# Daylight hours in my area



## TexasMonster (Mar 17, 2010)

Ok, I found the sticky thread that has a link to a site that will show you what your daylight hours are going to be like through the season. It looks like I will get no more that 14 hours of daylight in June and July with it starting to fall in mid July. 

hxxp://ptaff.ca/soleil/?lang=en_CA

I think I read here that grass needs at least 15 hours of light to be in "veg".

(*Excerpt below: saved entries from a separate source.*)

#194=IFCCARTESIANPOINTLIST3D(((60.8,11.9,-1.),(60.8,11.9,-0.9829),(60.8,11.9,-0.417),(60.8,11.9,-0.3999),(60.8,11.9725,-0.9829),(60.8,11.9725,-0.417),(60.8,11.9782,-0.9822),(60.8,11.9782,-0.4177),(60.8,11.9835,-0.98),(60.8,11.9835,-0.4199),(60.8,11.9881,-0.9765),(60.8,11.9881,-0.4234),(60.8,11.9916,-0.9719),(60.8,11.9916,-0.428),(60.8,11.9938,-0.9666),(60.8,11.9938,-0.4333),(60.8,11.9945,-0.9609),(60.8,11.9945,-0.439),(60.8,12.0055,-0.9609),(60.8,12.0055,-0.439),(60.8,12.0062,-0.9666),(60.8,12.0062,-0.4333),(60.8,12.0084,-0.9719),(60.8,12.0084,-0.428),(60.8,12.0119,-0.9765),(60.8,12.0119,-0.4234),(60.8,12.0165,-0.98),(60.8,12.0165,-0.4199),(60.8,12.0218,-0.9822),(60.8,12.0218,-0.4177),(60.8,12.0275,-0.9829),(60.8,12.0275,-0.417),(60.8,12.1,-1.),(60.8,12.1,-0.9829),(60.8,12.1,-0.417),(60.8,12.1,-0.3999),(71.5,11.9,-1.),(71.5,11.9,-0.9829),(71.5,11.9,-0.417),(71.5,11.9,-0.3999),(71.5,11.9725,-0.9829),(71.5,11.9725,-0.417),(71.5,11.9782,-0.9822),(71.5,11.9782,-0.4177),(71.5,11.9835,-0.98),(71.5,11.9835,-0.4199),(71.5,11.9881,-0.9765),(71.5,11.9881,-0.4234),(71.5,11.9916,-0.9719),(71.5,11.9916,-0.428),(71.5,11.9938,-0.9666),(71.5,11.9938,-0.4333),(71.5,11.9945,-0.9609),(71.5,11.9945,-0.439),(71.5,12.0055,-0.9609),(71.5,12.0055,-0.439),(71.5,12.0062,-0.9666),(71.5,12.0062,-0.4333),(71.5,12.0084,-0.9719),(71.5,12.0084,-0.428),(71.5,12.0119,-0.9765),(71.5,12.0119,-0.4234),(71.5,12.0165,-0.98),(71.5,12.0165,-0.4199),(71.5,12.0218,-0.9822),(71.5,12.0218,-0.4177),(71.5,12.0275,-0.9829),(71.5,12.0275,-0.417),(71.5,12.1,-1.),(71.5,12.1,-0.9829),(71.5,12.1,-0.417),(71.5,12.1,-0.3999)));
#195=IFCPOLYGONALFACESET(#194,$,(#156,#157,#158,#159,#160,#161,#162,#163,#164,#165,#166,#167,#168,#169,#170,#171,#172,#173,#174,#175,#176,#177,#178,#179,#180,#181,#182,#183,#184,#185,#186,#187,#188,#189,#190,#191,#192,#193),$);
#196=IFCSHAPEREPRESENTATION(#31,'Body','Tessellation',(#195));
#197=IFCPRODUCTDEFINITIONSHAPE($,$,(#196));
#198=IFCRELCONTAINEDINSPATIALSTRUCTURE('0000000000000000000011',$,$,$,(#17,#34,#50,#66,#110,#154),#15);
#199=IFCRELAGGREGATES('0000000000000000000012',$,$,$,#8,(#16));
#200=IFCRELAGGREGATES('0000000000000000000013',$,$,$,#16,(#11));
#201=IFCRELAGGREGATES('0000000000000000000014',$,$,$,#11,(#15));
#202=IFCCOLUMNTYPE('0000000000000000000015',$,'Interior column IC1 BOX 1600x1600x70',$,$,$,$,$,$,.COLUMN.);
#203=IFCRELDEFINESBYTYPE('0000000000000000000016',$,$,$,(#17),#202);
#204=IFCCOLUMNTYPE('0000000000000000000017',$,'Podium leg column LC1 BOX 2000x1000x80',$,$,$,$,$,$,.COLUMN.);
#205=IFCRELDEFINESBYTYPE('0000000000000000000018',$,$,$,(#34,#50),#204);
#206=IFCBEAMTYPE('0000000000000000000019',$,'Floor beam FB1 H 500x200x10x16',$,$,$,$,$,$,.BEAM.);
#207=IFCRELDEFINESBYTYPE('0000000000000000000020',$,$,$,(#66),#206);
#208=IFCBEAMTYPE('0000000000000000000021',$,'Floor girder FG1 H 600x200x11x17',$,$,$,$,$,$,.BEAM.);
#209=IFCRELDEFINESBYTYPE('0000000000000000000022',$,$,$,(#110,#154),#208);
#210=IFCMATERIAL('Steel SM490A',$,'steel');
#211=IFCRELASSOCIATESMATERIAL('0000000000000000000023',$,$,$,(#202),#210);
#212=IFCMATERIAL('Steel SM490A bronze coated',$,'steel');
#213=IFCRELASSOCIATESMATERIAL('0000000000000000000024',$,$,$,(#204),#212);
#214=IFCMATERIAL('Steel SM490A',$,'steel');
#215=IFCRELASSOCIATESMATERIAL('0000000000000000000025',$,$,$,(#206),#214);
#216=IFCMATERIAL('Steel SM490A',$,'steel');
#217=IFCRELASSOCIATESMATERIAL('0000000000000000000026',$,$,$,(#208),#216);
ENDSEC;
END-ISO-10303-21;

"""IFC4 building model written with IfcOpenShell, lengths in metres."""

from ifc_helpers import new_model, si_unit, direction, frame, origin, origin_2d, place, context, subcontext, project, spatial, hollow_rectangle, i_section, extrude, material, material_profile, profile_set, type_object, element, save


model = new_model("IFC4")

So, am I a now go for outside grass that is not an auto variety or am I not understanding the daylight hour thing?


----------



## clanchattan (Mar 17, 2010)

you'll be fine to grow outside. my plants usually start flowering in august some time and since i usually grow indicas, cause of my shorter season, im usually harvesting a 50/50 clear/amber plant in mid october. i get them in the dirt around may 1 because im at the northern part of zone 6. depending on what part of texas you are in you could put them out at a much earlier date. there is bound to be some outdoor folks here that can give you the lowdown on when you are good to go.


----------



## TexasMonster (Mar 17, 2010)

clanchattan said:
			
		

> you'll be fine to grow outside. my plants usually start flowering in august some time and since i usually grow indicas, cause of my shorter season, im usually harvesting a 50/50 clear/amber plant in mid october. i get them in the dirt around may 1 because im at the northern part of zone 6. depending on what part of texas you are in you could put them out at a much earlier date. there is bound to be some outdoor folks here that can give you the lowdown on when you are good to go.


 
I am in zone 9. I have some started already in little cups. I will probably plant them out on Good Friday (April 2nd) I would love to hear from outdoor growers in my zone.


----------



## Diversified (Mar 17, 2010)

If by your nic you are in Texas, I am about 150 miles north of you. Mine are going in the ground on 4/20. Mine have been sprouted in cups for about a week now.


----------



## TexasMonster (Mar 17, 2010)

Diversified said:
			
		

> If by your nic you are in Texas, I am about 150 miles north of you. Mine are going in the ground on 4/20. Mine have been sprouted in cups for about a week now.


 
So, April 2nd is a good time for me then. 

      ... *4*th month
       ....*2*nd day
  201*0*


----------



## Diversified (Mar 17, 2010)

What I've done is check the average temps and hours of daylight for the next couple of weeks. The temps look safe by 4/20 and there will be roughly 14 hours of daylight. I mixed soils from my outdoor planting area with compost, etc... and and started my seeds in that. Then I set my timer on my lights for the number of hours of daylight for 4/20. That way when I put them outside they will be used to that soil and hours of sunlight. I would think 4/2 should be safe for you but I would check to make sure your average night time temps are at least 45 degrees.


----------



## Hick (Mar 18, 2010)

> *I set my timer on my lights for the number of hours of daylight for 4/20.* That way when I put them outside they will be used to that soil and hours of sunlight.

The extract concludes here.